As the business community aggressively invests in autonomous agents, researchers have uncovered a significant structural flaw. According to a preprint by Yannis Belkhiter and his team published on arXiv, the industry is making a classic mistake by focusing primarily on jailbreaks and prompt injections. In the era of agents, the real threat stems from Function Hijacking Attacks (FHA), which allow attackers to seize control over tool selection via the Model Context Protocol (MCP).
The mechanics of the attack are elegantly destructive: an adversary forces the agent to call a specific malicious function, bypassing semantic context and prompt filters entirely. This is no theoretical hypothesis—during Belkhiter's experiments across five different models (including specialized reasoning variants), the Attack Success Rate (ASR) on the BFCL dataset ranged from 70% to 100%. Essentially, if your AI architect assumes the model will always "choose" the right tool based on user intent, the reality is far more precarious.

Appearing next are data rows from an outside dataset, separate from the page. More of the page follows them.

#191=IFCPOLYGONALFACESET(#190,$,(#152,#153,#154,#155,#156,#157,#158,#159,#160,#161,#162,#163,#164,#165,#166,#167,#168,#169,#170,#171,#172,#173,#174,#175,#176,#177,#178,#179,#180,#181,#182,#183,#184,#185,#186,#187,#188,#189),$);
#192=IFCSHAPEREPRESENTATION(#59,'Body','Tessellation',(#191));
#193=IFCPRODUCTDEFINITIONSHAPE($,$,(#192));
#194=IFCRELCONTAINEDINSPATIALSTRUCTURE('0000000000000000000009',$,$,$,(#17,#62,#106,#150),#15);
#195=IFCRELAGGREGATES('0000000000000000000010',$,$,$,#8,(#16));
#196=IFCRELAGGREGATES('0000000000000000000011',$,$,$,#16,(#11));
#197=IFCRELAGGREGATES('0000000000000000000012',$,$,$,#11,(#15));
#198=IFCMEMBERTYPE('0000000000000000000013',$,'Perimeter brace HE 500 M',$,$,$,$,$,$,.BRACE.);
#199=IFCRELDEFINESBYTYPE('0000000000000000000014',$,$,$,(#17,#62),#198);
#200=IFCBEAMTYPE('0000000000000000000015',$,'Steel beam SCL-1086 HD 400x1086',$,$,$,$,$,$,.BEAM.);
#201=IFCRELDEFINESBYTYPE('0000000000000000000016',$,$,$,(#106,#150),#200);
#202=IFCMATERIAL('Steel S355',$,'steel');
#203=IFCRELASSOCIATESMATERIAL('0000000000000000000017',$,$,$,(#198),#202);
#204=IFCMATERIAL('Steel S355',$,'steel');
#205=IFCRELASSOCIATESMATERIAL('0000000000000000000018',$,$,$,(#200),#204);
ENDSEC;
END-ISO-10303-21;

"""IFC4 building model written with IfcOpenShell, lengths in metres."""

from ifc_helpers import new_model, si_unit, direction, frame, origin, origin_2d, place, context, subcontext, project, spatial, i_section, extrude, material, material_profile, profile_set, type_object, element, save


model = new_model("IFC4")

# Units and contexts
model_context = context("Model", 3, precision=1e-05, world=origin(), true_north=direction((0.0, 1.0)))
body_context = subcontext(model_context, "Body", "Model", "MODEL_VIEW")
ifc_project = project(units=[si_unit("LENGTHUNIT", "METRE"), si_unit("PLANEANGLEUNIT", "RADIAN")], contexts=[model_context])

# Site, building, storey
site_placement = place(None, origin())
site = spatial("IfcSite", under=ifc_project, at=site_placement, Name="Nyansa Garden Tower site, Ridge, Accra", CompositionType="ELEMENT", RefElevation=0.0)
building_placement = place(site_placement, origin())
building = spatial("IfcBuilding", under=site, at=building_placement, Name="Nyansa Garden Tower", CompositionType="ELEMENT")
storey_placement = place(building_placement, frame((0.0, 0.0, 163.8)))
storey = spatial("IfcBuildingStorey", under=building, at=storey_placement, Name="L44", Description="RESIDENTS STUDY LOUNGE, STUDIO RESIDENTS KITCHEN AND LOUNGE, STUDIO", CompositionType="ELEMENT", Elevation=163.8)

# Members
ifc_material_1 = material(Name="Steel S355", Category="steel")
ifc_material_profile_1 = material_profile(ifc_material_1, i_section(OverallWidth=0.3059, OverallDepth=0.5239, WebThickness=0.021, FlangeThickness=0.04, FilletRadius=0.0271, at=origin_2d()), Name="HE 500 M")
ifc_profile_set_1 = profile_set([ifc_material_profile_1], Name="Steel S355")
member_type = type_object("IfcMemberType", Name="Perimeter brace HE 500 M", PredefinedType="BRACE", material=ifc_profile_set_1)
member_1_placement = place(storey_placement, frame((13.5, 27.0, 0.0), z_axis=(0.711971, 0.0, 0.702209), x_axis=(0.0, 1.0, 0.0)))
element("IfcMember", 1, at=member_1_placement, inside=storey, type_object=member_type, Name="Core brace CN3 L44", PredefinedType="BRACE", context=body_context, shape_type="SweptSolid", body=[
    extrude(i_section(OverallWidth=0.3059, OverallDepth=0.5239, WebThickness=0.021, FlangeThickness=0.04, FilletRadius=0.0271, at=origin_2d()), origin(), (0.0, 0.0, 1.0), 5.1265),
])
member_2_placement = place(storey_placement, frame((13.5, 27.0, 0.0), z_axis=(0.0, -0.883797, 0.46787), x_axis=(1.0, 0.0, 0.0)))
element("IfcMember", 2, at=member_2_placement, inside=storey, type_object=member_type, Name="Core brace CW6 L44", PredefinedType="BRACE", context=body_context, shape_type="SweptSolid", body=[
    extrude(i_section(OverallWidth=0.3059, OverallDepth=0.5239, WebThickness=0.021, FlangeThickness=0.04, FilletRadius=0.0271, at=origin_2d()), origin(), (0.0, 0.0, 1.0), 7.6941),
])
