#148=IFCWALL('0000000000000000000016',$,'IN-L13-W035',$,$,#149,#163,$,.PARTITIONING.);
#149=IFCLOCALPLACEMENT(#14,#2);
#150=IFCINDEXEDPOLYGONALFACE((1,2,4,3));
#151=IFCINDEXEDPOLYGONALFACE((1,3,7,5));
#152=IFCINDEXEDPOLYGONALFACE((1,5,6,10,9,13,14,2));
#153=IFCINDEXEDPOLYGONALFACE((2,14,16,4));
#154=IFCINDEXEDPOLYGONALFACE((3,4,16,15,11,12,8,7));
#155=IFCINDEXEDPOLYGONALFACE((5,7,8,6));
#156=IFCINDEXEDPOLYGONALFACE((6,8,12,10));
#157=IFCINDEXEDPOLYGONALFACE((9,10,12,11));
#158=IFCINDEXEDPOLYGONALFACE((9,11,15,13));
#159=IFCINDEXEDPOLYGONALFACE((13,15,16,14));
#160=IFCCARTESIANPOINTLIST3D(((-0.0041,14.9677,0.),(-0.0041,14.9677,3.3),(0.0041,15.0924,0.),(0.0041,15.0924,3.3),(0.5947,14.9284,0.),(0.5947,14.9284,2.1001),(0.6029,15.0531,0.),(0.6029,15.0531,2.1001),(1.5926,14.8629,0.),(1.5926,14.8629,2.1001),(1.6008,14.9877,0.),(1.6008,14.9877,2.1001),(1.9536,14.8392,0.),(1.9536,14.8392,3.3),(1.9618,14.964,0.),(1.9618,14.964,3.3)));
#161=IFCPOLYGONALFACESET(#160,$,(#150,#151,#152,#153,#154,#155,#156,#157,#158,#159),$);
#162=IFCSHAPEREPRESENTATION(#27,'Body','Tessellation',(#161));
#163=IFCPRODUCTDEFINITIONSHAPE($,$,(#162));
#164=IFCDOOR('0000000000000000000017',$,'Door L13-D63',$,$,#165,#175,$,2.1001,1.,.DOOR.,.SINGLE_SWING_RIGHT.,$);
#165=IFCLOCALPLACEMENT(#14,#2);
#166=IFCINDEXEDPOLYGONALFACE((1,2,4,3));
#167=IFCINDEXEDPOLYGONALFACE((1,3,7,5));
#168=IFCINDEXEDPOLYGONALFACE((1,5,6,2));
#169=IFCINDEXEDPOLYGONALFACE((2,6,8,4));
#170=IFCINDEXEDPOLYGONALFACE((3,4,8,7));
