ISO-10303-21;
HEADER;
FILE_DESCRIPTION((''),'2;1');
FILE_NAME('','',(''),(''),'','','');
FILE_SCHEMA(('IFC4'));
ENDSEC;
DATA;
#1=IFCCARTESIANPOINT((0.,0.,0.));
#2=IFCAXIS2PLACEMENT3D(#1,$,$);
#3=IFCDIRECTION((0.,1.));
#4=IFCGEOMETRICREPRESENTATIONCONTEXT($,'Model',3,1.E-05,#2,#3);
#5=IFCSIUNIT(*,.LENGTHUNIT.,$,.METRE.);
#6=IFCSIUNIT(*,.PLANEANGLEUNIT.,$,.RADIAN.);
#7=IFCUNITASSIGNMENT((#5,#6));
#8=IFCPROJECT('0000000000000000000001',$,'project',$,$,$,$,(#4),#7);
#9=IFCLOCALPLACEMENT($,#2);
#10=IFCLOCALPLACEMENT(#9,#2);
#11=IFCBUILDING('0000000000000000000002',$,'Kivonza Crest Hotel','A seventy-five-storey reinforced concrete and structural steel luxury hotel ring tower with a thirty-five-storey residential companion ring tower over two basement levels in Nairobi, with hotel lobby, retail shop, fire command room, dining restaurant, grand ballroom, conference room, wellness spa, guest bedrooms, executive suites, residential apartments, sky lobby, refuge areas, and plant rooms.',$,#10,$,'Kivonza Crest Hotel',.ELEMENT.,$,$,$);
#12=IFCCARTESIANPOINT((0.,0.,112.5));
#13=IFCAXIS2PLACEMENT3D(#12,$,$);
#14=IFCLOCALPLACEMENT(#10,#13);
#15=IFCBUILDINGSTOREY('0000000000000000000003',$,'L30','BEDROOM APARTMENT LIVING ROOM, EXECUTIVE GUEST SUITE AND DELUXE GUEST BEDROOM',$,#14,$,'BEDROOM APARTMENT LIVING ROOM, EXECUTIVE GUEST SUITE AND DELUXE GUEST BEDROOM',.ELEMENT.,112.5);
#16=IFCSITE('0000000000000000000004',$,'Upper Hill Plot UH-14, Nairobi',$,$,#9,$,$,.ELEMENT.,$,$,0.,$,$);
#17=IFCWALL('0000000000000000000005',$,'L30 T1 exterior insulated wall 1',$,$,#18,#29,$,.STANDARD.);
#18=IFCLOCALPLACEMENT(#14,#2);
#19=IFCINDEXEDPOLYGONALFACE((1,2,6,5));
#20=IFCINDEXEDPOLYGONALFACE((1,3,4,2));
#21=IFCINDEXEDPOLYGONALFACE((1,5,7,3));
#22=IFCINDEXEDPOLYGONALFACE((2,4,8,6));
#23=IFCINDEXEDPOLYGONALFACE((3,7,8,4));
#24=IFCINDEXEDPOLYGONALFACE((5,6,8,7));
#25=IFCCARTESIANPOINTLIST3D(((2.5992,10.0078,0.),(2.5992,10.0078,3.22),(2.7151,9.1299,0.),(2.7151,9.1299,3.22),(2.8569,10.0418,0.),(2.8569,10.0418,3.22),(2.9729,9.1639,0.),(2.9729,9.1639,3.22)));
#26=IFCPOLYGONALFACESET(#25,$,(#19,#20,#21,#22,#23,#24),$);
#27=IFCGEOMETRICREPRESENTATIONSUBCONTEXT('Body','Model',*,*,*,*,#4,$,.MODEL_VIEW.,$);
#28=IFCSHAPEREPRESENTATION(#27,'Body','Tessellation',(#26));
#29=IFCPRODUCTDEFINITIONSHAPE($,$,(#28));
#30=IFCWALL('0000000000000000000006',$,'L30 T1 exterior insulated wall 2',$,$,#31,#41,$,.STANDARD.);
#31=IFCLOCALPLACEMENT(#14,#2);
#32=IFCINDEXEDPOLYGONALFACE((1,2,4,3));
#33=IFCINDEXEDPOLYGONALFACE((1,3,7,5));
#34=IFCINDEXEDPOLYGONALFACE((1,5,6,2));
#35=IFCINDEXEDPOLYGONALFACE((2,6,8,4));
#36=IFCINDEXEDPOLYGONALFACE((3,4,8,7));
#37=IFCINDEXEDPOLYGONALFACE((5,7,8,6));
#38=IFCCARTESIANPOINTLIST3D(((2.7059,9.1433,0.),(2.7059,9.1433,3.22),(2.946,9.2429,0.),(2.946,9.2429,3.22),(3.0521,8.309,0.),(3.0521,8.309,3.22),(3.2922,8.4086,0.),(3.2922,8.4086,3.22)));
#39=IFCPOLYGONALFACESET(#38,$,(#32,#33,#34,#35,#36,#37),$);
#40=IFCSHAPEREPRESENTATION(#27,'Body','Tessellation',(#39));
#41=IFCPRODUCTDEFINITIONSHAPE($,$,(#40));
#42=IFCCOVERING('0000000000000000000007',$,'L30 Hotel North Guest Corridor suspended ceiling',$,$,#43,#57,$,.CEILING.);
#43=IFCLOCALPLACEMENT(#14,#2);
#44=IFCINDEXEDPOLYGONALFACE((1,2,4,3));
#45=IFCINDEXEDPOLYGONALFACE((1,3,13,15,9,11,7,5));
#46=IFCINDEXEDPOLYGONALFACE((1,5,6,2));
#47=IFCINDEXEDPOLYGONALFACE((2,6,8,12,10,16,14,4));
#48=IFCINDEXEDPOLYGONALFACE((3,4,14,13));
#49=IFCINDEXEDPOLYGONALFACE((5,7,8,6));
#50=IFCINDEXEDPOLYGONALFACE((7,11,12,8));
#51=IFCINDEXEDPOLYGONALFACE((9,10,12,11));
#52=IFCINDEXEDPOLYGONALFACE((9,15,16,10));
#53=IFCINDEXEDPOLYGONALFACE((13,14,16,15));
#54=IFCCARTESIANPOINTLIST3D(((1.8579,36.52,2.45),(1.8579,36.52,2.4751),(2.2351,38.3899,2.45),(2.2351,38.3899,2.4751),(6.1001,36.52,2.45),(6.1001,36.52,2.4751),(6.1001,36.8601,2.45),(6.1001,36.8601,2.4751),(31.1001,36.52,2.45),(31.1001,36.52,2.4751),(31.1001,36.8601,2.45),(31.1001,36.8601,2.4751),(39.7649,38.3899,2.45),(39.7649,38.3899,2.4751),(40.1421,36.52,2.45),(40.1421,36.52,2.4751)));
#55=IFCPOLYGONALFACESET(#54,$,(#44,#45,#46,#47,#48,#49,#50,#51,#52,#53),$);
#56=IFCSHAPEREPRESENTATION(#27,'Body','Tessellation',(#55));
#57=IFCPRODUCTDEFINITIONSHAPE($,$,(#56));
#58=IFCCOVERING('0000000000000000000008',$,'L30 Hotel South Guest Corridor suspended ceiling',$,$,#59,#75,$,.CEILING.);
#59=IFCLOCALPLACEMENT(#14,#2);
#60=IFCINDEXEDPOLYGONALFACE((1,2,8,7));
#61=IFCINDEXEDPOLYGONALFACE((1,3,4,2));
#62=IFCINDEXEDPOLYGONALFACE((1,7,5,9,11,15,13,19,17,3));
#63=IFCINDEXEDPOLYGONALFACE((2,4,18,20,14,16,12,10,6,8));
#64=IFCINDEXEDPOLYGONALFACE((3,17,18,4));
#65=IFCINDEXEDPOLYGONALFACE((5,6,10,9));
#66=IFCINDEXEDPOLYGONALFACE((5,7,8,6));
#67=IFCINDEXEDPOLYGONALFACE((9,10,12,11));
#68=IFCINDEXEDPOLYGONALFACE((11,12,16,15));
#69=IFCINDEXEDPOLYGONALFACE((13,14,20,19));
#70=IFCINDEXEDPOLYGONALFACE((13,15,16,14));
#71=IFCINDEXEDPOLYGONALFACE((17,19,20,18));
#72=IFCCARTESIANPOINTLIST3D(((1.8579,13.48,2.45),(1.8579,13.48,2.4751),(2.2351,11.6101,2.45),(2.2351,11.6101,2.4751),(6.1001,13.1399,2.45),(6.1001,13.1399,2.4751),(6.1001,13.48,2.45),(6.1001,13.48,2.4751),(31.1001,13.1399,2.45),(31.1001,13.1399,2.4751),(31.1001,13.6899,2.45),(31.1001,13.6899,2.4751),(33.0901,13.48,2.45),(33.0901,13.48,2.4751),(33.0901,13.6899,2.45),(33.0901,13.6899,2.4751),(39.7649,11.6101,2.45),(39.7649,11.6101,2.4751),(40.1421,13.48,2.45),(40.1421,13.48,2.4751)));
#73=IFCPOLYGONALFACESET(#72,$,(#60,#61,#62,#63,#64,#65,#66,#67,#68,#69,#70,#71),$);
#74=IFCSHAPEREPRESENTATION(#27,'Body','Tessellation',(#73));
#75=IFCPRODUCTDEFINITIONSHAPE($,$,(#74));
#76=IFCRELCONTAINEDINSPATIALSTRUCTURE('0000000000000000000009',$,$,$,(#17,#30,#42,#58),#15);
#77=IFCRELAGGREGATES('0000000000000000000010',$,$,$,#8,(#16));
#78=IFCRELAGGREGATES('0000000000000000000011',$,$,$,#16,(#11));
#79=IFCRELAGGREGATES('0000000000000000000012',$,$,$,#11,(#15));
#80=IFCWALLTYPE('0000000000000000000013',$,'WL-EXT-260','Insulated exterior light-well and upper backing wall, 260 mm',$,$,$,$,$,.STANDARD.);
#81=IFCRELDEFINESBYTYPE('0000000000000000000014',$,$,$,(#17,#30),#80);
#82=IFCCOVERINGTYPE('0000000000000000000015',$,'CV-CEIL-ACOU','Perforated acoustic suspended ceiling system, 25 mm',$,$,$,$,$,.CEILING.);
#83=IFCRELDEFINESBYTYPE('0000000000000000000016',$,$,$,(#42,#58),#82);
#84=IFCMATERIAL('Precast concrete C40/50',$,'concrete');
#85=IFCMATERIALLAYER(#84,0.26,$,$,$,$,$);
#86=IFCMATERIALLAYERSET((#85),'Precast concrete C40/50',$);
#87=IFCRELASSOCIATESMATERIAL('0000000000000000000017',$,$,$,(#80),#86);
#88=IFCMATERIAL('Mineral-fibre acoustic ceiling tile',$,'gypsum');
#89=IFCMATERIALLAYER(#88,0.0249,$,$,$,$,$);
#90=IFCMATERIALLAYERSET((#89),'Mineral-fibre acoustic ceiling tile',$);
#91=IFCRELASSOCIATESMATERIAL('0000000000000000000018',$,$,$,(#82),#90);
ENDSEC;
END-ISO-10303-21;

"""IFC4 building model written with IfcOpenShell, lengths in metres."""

from ifc_helpers import new_model, si_unit, direction, frame, frame_2d, origin, place, context, subcontext, project, spatial, polyline, rectangle, outline, extrude, material, layer, layer_set, type_object, element, save


model = new_model("IFC4")

# Units and contexts
model_context = context("Model", 3, precision=1e-05, world=origin(), true_north=direction((0.0, 1.0)))
body_context = subcontext(model_context, "Body", "Model", "MODEL_VIEW")
ifc_project = project(units=[si_unit("LENGTHUNIT", "METRE"), si_unit("PLANEANGLEUNIT", "RADIAN")], contexts=[model_context])

# Site, building, storey
site_placement = place(None, origin())
site = spatial("IfcSite", under=ifc_project, at=site_placement, Name="Upper Hill Plot UH-14, Nairobi", CompositionType="ELEMENT", RefElevation=0.0)
building_placement = place(site_placement, origin())
building = spatial("IfcBuilding", under=site, at=building_placement, Name="Kivonza Crest Hotel", Description="A seventy-five-storey reinforced concrete and structural steel luxury hotel ring tower with a thirty-five-storey residential companion ring tower over two basement levels in Nairobi, with hotel lobby, retail shop, fire command room, dining restaurant, grand ballroom, conference room, wellness spa, guest bedrooms, executive suites, residential apartments, sky lobby, refuge areas, and plant rooms.", LongName="Kivonza Crest Hotel", CompositionType="ELEMENT")
storey_placement = place(building_placement, frame((0.0, 0.0, 112.5)))
storey = spatial("IfcBuildingStorey", under=building, at=storey_placement, Name="L30", Description="BEDROOM APARTMENT LIVING ROOM, EXECUTIVE GUEST SUITE AND DELUXE GUEST BEDROOM", LongName="BEDROOM APARTMENT LIVING ROOM, EXECUTIVE GUEST SUITE AND DELUXE GUEST BEDROOM", CompositionType="ELEMENT", Elevation=112.5)

# Walls
ifc_material_1 = material(Name="Precast concrete C40/50", Category="concrete")
ifc_layer_1 = layer(ifc_material_1, 0.26)
ifc_layer_set_1 = layer_set([ifc_layer_1], Name="Precast concrete C40/50")
wall_type_1 = type_object("IfcWallType", Name="WL-EXT-260", Description="Insulated exterior light-well and upper backing wall, 260 mm", PredefinedType="STANDARD", material=ifc_layer_set_1)
wall_1_placement = place(storey_placement, frame((2.728, 10.0249, 0.0), z_axis=(0.0, 0.0, 1.0), x_axis=(0.130954, -0.991388, 0.0)))
element("IfcWall", 1, at=wall_1_placement, inside=storey, type_object=wall_type_1, Name="L30 T1 exterior insulated wall 1", PredefinedType="STANDARD", context=body_context, shape_type="SweptSolid", body=[
    extrude(rectangle(XDim=0.8855, YDim=0.26, at=frame_2d((0.4429, 0.0))), origin(), (0.0, 0.0, 1.0), 3.22),
])
wall_2_placement = place(storey_placement, frame((2.8259, 9.1931, 0.0), z_axis=(0.0, 0.0, 1.0), x_axis=(0.383291, -0.923628, 0.0)))
element("IfcWall", 2, at=wall_2_placement, inside=storey, type_object=wall_type_1, Name="L30 T1 exterior insulated wall 2", PredefinedType="STANDARD", context=body_context, shape_type="SweptSolid", body=[
    extrude(rectangle(XDim=0.9033, YDim=0.26, at=frame_2d((0.4517, 0.0))), origin(), (0.0, 0.0, 1.0), 3.22),
])

# Coverings
ifc_material_2 = material(Name="Mineral-fibre acoustic ceiling tile", Category="gypsum")
ifc_layer_2 = layer(ifc_material_2, 0.0249)
ifc_layer_set_2 = layer_set([ifc_layer_2], Name="Mineral-fibre acoustic ceiling tile")
covering_type = type_object("IfcCoveringType", Name="CV-CEIL-ACOU", Description="Perforated acoustic suspended ceiling system, 25 mm", PredefinedType="CEILING", material=ifc_layer_set_2)
covering_1_placement = place(storey_placement, frame((0.0, 0.0, 2.45)))
element("IfcCovering", 3, at=covering_1_placement, inside=storey, type_object=covering_type, Name="L30 Hotel North Guest Corridor suspended ceiling", PredefinedType="CEILING", context=body_context, shape_type="SweptSolid", body=[
    extrude(outline(polyline([(2.2351, 38.3899), (1.8579, 36.52), (6.1001, 36.52), (6.1001, 36.8601), (31.1001, 36.8601), (31.1001, 36.52), (40.1421, 36.52), (39.7649, 38.3899), (2.2351, 38.3899)])), origin(), (0.0, 0.0, 1.0), 0.0251),
])
covering_2_placement = place(storey_placement, frame((0.0, 0.0, 2.45)))
element("IfcCovering", 4, at=covering_2_placement, inside=storey, type_object=covering_type, Name="L30 Hotel South Guest Corridor suspended ceiling", PredefinedType="CEILING", context=body_context, shape_type="SweptSolid", body=[
    extrude(outline(polyline([(33.0901, 13.48), (33.0901, 13.6899), (31.1001, 13.6899), (31.1001, 13.1399), (6.1001, 13.1399), (6.1001, 13.48), (1.8579, 13.48), (2.2351, 11.6101), (39.7649, 11.6101), (40.1421, 13.48), (33.0901, 13.48)])), origin(), (0.0, 0.0, 1.0), 0.0251),
])

save(model, "model.ifc")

The MCP vulnerability provides a direct path to data sabotage, theft of corporate assets, and the creation of infinite execution loops. The research demonstrates that these attacks are universal: they are domain-agnostic and do not require fine-tuning for specific business processes. More concerningly, Belkhiter found that it is possible to train adversarial functions capable of hijacking tool selection across multiple diverse queries and configurations simultaneously.
From our perspective, deploying MCP in its current form without rigorous execution environment isolation represents an unjustifiable operational risk. The hype surrounding "autonomy" has blinded executive leadership: expanding agent permissions through MCP creates attack vectors that traditional cybersecurity frameworks are simply not equipped to handle. The reliability of agentic systems now depends less on the internal "intelligence" of the LLM and more on external defensive barriers. Integrating these agents into critical business logic today is effectively handing the keys to your infrastructure to a system that stress tests break 100% of the time. Until full execution isolation is guaranteed, trusting AI agents as internal actors is an unaffordable luxury.